In the 2023 edition of its report on corporate governance and executive compensation in listed companies, the Autorite des Marches Financiers (AMF) reviews “the regulatory developments of recent months and assesses the quality of the information published.”
The AMF makes recommendations to “improve the information provided to the market and proposes ideas for the development of the AFEP-MEDEF Code and its Application Guide.”
The AMF devoted the first part of its report “to recent developments in corporate governance.”
It discusses the ongoing developments “at European level regarding non-financial reporting obligations for companies through the Corporate Sustainability Reporting Directive (CSRD), which has just been transposed into national law, and corporate sustainability due diligence (the proposed CSDD Directive). As in previous years, sections are also devoted to the shareholders general meetings held over the past year, in particular the resolutions on climate change.”
In the context of the digitalization of the economy and the international development of shareholder engagement, the AMF once again “calls on the various stakeholders to work together to enable the development of hybrid general meetings in France in the short term, allowing shareholders to vote remotely and live.”
As highlighted in its 2021 report, the AMF reiterates “the importance of taking pragmatic steps, in consultation with the various stakeholders, to enable the development of live voting on the Paris Stock Exchange in the short term.”
As part of its annual analysis of the information published by companies, the AMF has decided this year to devote “a section to the evaluation of boards of directors. According to the AFEP-MEDEF Code, each board of directors should consider the suitable balance between its members and those of its committees, and should periodically consider the extent to which its organisation and operation are suited to its tasks.”
Of the 50 companies in the sample analysed by the AMF, 92% carried out an evaluation of their board in 2022, devoting “at least one item on their agenda to a discussion of its operation. The vast majority go beyond the provisions of the AFEP-MEDEF Code each year by asking directors to complete self-evaluation questionnaires or, more rarely, by organizing dedicated interviews. However, 16% do not specify whether they have evaluated the individual contribution of each director over the previous three years. Furthermore, information on the follow-up to these evaluations is often incomplete.”
In practice, the evaluation of “the operation of the board by the companies surveyed involves not only an evaluation of the processes in place, but also an evaluation of the board’s ability to consider important issues by ensuring that directors have received adequate information and training.”
In its report, the AMF makes “a number of recommendations and identifies areas for discussion with a view to improving the AFEP-MEDEF Code. For example, it recommends that listed companies engage an external consultant to evaluate the board at least once every three years and ensure that the consultant is independent of the company and its officers. The AMF calls on the AFEP and the MEDEF to amend the Code to include recommendations on the use of an independent external consultant, the holding of one-on-one interviews and the publication of questionnaires allowing companies to select the questions they consider relevant to evaluate the board.”
In order to provide investors with quality information, the AMF also “presents good and bad practices, in particular to improve information on the results and follow-up of evaluations.”
Given the frequency of resignations or early departures of directors, the AMF recommends that companies systematically “consider whether information on such departures is privileged, particularly when the departure is due to strategic disagreements.

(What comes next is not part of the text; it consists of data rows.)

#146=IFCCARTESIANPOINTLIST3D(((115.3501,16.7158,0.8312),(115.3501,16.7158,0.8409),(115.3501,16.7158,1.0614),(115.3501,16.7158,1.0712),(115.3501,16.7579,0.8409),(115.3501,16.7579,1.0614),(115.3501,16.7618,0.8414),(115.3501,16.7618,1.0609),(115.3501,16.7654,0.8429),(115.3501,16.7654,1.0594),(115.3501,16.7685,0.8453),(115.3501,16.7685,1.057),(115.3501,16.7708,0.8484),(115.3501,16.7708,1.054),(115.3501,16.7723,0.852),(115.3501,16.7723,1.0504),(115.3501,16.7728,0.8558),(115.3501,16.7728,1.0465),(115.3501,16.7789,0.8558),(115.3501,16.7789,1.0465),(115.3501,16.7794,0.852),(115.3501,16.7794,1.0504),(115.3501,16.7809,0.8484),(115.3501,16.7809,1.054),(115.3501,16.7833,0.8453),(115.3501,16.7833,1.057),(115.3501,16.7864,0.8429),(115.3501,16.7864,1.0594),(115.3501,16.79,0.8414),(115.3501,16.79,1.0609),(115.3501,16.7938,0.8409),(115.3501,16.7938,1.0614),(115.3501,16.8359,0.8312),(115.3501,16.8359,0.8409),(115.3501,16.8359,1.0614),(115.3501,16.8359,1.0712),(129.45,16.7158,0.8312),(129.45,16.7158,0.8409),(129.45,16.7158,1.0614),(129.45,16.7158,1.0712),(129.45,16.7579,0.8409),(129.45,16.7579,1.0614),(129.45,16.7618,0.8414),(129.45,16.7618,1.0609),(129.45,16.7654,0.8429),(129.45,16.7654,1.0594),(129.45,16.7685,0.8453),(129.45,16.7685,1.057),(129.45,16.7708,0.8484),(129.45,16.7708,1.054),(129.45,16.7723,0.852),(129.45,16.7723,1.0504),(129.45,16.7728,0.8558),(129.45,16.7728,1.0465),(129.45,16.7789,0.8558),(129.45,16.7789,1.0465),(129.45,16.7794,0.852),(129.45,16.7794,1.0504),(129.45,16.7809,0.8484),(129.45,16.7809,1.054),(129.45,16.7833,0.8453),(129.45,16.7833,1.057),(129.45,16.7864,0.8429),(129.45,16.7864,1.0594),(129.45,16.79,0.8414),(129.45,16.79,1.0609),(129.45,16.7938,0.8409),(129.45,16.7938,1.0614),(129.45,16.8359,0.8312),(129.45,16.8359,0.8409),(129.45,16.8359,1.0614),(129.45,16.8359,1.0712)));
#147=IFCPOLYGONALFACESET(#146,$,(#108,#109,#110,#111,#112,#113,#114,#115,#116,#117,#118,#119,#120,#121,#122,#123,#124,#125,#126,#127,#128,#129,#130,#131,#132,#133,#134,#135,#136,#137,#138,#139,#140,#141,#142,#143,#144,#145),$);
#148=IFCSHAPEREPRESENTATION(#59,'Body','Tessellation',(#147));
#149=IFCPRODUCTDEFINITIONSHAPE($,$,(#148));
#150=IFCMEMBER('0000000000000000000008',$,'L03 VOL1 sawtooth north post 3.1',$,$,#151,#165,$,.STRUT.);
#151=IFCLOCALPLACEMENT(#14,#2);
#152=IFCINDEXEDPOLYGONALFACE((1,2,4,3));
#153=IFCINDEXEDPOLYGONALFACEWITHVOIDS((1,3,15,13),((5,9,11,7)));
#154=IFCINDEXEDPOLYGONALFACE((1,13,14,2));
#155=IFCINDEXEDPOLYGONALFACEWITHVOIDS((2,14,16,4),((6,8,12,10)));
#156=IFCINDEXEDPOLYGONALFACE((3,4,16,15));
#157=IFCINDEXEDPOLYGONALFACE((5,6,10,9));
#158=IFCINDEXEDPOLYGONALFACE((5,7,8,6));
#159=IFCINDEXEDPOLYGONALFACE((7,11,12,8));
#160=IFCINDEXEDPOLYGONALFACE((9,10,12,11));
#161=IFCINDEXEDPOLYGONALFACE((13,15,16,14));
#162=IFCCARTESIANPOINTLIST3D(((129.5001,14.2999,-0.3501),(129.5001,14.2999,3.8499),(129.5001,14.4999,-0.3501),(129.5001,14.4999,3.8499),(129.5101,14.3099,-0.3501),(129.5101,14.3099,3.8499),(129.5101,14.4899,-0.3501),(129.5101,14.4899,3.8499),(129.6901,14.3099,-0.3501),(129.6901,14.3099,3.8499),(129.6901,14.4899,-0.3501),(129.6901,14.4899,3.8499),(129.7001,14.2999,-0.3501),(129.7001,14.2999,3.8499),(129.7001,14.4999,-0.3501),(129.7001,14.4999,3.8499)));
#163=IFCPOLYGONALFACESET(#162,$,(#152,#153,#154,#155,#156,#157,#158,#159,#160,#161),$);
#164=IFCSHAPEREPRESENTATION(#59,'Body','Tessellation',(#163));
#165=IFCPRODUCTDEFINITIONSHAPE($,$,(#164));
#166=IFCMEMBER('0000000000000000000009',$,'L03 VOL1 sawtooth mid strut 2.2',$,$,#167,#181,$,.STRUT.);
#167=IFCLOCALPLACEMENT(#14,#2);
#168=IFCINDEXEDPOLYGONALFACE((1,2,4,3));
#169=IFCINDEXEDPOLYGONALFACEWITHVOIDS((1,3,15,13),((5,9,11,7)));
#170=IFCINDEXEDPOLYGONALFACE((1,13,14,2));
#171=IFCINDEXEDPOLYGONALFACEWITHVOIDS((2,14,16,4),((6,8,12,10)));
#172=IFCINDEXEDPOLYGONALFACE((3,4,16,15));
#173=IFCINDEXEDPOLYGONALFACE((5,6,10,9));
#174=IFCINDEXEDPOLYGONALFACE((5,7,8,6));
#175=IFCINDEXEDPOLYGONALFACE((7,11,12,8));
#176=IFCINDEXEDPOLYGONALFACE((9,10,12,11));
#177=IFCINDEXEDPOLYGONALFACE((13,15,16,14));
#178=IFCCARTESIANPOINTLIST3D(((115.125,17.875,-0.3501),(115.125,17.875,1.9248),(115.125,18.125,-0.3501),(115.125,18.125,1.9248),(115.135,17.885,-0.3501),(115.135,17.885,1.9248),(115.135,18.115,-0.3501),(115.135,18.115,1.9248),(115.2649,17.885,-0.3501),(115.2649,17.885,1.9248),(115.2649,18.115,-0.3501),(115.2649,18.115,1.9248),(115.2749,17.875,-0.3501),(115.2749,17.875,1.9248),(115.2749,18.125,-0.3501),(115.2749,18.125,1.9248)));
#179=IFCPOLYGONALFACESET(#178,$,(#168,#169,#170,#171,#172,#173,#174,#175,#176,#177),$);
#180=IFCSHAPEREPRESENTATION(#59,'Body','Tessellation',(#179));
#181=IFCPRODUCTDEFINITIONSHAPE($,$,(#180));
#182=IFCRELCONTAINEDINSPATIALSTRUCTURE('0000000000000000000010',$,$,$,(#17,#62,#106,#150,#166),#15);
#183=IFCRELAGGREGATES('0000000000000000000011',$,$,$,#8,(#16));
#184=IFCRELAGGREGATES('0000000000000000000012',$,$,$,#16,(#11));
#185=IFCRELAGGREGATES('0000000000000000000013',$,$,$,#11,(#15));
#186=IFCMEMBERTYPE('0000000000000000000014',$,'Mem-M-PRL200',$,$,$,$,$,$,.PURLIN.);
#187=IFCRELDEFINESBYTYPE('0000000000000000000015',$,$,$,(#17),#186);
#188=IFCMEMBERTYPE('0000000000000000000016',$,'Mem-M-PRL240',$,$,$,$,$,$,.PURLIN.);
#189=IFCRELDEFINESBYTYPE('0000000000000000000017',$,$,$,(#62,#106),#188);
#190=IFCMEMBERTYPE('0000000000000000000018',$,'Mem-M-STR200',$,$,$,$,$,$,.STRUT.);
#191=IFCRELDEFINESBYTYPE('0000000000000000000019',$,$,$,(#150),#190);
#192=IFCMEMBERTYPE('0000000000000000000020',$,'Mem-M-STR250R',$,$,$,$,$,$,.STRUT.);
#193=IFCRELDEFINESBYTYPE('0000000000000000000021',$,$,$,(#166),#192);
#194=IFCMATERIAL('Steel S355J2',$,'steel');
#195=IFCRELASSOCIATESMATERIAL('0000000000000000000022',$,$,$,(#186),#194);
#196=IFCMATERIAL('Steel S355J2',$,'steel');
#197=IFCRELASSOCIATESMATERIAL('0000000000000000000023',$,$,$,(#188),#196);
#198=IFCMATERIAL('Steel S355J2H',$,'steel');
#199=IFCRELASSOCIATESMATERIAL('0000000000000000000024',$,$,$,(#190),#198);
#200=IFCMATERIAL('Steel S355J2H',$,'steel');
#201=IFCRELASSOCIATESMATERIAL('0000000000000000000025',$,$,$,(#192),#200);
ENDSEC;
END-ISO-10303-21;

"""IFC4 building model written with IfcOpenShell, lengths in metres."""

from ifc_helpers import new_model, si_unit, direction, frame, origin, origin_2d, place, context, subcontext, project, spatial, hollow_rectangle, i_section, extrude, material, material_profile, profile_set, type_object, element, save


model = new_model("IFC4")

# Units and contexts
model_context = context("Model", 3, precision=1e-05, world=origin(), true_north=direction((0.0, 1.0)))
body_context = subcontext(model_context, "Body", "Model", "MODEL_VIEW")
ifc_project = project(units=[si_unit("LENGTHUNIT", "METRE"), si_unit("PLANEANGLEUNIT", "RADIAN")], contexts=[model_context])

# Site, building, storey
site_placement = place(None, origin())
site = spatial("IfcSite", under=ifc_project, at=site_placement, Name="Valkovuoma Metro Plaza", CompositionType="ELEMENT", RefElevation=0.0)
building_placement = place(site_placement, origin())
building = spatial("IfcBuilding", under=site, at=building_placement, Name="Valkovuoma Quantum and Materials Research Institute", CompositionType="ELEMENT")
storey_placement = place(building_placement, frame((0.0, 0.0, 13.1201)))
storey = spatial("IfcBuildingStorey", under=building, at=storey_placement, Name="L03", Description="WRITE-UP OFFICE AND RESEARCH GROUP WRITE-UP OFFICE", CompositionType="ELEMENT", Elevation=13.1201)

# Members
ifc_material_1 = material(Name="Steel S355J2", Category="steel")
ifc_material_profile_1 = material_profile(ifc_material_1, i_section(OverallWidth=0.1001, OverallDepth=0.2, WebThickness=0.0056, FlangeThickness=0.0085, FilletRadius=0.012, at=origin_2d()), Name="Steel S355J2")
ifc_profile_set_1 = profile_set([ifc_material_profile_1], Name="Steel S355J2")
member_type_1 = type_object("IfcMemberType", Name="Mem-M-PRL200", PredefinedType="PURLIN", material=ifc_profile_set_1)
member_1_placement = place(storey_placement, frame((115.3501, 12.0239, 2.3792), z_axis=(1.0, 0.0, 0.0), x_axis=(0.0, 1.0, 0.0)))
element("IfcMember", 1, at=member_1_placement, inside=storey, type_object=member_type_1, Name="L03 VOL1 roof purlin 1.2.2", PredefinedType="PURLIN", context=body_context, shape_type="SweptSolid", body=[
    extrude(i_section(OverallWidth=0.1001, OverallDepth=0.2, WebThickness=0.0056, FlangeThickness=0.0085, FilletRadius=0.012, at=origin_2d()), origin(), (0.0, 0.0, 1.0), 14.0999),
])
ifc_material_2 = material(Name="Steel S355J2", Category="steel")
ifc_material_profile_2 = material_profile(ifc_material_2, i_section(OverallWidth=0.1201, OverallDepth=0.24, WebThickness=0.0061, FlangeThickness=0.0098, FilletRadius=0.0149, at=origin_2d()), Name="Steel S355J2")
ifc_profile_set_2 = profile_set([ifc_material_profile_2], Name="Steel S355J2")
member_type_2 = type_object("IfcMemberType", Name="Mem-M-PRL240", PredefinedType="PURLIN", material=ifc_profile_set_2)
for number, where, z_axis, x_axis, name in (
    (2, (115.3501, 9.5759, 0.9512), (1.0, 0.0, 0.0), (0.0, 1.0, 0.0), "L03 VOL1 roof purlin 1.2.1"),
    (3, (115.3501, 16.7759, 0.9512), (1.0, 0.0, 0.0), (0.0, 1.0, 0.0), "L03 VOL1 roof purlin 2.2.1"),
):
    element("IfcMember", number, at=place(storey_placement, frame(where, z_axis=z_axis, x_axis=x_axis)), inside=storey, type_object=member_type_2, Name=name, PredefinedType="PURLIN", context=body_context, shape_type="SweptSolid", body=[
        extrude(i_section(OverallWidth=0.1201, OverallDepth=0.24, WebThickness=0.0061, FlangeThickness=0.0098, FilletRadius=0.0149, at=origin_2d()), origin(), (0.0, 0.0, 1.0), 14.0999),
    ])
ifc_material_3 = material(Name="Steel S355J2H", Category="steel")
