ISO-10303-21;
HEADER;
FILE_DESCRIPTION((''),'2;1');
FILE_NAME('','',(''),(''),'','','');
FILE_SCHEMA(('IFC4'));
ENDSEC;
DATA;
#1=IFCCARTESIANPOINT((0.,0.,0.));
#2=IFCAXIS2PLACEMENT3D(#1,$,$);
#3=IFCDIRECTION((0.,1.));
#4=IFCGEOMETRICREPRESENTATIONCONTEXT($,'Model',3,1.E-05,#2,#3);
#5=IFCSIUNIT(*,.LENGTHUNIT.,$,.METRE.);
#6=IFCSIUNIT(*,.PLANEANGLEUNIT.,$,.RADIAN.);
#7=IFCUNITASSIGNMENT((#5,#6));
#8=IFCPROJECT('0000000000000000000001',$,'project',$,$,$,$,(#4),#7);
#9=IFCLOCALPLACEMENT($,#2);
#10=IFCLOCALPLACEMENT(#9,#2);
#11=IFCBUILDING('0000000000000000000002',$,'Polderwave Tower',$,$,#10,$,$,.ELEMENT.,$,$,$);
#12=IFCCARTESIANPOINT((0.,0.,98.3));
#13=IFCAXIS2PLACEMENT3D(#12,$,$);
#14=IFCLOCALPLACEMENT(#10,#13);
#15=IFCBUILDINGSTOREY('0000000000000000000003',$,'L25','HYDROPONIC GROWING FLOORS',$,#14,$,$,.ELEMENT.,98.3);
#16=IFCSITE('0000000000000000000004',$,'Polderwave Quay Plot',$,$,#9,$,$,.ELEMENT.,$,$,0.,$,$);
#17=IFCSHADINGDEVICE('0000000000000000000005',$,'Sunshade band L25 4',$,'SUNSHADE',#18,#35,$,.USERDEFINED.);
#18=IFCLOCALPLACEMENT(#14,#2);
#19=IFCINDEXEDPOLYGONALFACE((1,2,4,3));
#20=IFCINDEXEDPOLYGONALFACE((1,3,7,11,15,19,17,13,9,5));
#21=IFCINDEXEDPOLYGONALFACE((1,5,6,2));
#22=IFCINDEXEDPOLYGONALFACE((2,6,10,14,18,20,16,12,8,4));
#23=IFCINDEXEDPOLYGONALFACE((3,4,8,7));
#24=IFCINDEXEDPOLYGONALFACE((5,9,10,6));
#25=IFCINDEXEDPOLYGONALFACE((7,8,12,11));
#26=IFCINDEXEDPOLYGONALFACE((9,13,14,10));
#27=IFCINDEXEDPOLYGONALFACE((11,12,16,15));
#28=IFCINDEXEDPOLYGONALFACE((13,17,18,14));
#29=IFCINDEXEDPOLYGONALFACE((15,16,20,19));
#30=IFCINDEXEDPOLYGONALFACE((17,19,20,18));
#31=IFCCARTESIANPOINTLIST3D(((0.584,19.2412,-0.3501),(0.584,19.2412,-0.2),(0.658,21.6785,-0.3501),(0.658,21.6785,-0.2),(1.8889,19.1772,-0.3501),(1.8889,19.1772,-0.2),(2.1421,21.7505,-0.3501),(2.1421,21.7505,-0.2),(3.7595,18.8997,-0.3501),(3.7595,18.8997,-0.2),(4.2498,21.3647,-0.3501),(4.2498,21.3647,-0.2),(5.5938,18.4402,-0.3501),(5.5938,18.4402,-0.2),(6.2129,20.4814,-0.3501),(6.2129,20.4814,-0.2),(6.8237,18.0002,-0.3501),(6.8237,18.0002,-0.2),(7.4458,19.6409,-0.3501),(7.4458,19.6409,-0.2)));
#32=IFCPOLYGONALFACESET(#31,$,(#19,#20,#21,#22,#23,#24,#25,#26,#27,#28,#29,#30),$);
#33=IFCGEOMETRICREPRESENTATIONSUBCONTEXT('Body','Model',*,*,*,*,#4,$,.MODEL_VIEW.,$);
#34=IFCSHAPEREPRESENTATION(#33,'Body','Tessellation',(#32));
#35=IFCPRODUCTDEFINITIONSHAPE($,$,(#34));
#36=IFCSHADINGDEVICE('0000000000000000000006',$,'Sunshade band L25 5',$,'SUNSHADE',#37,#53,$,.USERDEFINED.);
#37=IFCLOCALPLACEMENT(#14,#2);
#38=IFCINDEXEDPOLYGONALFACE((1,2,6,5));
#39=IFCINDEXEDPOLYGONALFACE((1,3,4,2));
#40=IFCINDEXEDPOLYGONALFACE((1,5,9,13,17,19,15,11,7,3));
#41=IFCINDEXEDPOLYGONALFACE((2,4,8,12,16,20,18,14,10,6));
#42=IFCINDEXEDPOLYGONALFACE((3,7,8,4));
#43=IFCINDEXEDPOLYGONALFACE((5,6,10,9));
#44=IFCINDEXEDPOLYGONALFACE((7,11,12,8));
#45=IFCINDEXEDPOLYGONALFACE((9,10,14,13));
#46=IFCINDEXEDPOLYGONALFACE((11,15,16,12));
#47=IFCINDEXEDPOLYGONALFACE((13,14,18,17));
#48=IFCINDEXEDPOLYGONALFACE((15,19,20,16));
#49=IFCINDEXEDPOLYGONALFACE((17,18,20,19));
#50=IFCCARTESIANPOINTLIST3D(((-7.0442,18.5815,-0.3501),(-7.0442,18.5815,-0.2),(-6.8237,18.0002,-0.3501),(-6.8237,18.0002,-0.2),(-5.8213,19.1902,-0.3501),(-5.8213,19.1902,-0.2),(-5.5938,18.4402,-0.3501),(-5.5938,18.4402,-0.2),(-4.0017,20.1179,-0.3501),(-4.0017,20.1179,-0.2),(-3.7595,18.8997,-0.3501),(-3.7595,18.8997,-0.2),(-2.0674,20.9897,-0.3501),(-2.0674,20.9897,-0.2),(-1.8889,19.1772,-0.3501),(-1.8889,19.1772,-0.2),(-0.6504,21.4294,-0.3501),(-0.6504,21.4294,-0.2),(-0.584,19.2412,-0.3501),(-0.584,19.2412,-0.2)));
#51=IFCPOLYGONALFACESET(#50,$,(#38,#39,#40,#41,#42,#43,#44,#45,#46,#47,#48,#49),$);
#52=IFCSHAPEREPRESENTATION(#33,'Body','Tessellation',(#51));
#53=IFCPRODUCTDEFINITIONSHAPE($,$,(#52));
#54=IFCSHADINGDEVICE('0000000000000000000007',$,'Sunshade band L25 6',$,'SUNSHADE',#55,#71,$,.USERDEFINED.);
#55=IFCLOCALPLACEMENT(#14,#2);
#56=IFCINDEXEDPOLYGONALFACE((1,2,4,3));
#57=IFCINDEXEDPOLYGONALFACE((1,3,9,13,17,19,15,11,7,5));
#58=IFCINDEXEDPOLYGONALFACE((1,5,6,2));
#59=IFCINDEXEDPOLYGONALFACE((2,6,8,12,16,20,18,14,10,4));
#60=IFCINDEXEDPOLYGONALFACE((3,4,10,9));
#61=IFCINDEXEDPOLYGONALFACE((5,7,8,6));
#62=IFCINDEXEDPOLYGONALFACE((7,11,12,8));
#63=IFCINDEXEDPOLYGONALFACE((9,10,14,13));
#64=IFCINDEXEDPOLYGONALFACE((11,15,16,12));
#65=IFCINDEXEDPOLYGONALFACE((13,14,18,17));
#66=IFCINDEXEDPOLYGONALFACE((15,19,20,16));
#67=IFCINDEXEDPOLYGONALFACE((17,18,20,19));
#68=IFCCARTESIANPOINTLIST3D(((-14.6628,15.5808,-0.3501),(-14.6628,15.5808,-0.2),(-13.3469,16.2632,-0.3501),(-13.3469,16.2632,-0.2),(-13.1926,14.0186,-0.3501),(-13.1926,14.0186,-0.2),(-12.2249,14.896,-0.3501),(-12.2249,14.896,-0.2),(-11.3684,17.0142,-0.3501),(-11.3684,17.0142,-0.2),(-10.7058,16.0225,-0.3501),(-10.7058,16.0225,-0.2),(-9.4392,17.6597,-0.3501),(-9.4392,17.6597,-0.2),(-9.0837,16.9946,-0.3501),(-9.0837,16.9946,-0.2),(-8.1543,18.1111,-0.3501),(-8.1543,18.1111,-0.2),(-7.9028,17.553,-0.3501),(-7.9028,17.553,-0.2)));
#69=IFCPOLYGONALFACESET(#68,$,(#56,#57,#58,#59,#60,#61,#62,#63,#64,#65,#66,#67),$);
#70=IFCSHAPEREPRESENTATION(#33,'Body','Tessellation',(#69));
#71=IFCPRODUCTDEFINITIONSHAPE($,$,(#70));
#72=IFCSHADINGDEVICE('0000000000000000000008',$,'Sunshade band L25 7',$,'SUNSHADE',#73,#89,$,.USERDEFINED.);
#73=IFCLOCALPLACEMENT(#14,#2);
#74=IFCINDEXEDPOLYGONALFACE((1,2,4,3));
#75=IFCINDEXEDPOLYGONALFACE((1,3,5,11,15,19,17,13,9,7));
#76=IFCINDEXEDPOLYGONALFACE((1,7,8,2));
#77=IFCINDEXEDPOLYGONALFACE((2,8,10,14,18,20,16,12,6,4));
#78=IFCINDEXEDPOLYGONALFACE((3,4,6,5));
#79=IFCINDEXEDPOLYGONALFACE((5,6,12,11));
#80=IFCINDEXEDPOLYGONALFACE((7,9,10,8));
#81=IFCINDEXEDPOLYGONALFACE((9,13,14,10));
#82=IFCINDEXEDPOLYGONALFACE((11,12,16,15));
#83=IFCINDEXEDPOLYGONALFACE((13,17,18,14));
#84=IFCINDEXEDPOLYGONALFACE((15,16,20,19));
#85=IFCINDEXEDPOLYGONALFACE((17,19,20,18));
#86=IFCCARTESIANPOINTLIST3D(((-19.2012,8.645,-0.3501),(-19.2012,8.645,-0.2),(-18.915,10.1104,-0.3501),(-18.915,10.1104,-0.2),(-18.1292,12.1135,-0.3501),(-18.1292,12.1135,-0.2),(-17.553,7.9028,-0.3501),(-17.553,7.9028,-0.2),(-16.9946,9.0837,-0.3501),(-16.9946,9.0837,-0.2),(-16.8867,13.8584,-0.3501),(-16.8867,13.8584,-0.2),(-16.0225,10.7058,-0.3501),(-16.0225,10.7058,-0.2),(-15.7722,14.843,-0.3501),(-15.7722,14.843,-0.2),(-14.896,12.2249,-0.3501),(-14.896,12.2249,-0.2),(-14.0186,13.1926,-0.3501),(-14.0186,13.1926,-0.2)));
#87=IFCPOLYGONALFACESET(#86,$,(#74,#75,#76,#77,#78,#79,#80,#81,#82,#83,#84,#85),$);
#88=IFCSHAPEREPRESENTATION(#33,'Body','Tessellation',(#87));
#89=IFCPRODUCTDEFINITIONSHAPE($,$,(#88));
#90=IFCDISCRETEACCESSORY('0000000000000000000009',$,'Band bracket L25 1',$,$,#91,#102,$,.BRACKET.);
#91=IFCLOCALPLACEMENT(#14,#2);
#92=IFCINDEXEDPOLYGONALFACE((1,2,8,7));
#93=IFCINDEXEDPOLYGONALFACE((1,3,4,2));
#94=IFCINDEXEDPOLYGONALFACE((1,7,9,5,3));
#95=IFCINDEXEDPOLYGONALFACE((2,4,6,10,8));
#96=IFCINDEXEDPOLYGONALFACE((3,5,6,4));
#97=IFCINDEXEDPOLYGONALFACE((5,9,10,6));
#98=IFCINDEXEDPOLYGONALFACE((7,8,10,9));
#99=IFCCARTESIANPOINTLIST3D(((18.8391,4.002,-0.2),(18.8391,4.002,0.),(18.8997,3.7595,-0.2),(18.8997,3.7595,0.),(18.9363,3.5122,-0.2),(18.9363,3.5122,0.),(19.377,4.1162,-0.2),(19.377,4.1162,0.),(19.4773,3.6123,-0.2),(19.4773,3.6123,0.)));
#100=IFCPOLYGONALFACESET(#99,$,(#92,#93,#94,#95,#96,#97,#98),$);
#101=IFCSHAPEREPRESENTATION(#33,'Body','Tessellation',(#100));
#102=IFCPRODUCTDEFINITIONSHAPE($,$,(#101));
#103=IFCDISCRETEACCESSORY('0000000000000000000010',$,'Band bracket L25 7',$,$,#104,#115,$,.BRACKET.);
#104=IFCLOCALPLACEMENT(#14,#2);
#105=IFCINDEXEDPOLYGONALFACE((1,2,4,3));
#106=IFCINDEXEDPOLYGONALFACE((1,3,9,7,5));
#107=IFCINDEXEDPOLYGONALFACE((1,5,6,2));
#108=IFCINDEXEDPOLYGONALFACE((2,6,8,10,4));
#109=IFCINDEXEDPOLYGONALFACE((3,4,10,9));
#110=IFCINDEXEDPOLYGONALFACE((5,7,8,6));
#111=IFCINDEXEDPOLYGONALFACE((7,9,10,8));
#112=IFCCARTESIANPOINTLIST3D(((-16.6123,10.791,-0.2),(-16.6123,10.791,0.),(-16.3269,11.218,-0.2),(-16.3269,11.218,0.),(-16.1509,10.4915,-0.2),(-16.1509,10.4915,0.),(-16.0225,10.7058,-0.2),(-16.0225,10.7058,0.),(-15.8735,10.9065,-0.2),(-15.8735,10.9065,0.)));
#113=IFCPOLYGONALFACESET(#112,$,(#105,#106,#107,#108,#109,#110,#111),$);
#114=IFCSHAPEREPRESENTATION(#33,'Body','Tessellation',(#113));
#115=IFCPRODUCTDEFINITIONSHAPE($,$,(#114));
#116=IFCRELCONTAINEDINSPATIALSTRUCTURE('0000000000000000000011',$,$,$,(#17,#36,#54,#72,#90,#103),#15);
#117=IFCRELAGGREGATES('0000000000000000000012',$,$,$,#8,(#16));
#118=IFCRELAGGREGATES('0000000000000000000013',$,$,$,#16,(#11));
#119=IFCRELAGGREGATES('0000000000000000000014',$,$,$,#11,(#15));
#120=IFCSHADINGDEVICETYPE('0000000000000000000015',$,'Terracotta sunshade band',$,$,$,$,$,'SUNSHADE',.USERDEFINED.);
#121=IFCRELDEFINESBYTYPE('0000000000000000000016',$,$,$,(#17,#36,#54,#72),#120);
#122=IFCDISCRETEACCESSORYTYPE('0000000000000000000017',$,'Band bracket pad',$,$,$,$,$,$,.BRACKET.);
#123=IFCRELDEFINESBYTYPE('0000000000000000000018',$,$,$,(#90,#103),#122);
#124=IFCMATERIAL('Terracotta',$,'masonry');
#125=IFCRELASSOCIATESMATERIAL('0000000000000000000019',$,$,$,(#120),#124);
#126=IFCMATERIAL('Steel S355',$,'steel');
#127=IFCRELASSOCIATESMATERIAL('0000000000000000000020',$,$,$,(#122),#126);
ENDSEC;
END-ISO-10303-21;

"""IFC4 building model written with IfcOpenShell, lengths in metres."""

from ifc_helpers import new_model, si_unit, direction, frame, origin, place, context, subcontext, project, spatial, polyline, outline, extrude, material, type_object, element, save


model = new_model("IFC4")

# Units and contexts
model_context = context("Model", 3, precision=1e-05, world=origin(), true_north=direction((0.0, 1.0)))
body_context = subcontext(model_context, "Body", "Model", "MODEL_VIEW")
ifc_project = project(units=[si_unit("LENGTHUNIT", "METRE"), si_unit("PLANEANGLEUNIT", "RADIAN")], contexts=[model_context])

# Site, building, storey
site_placement = place(None, origin())
site = spatial("IfcSite", under=ifc_project, at=site_placement, Name="Polderwave Quay Plot", CompositionType="ELEMENT", RefElevation=0.0)
building_placement = place(site_placement, origin())
building = spatial("IfcBuilding", under=site, at=building_placement, Name="Polderwave Tower", CompositionType="ELEMENT")
storey_placement = place(building_placement, frame((0.0, 0.0, 98.3)))
storey = spatial("IfcBuildingStorey", under=building, at=storey_placement, Name="L25", Description="HYDROPONIC GROWING FLOORS", CompositionType="ELEMENT", Elevation=98.3)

Whenever information is likely to have an impact on the share price, it should be disclosed to the market as soon as possible.”
The AMF will ask “the High Committee for the Financial Markets in Paris (HCJP) whether it would be appropriate to clarify the law concering the possibility and, where appropriate, the procedure for a company to withdraw a resolution on the agenda of a general meeting.”
In light of this work, the AMF has “updated its recommendation 2012-02 to take into account the new recommendations and areas for discussion issued this year.”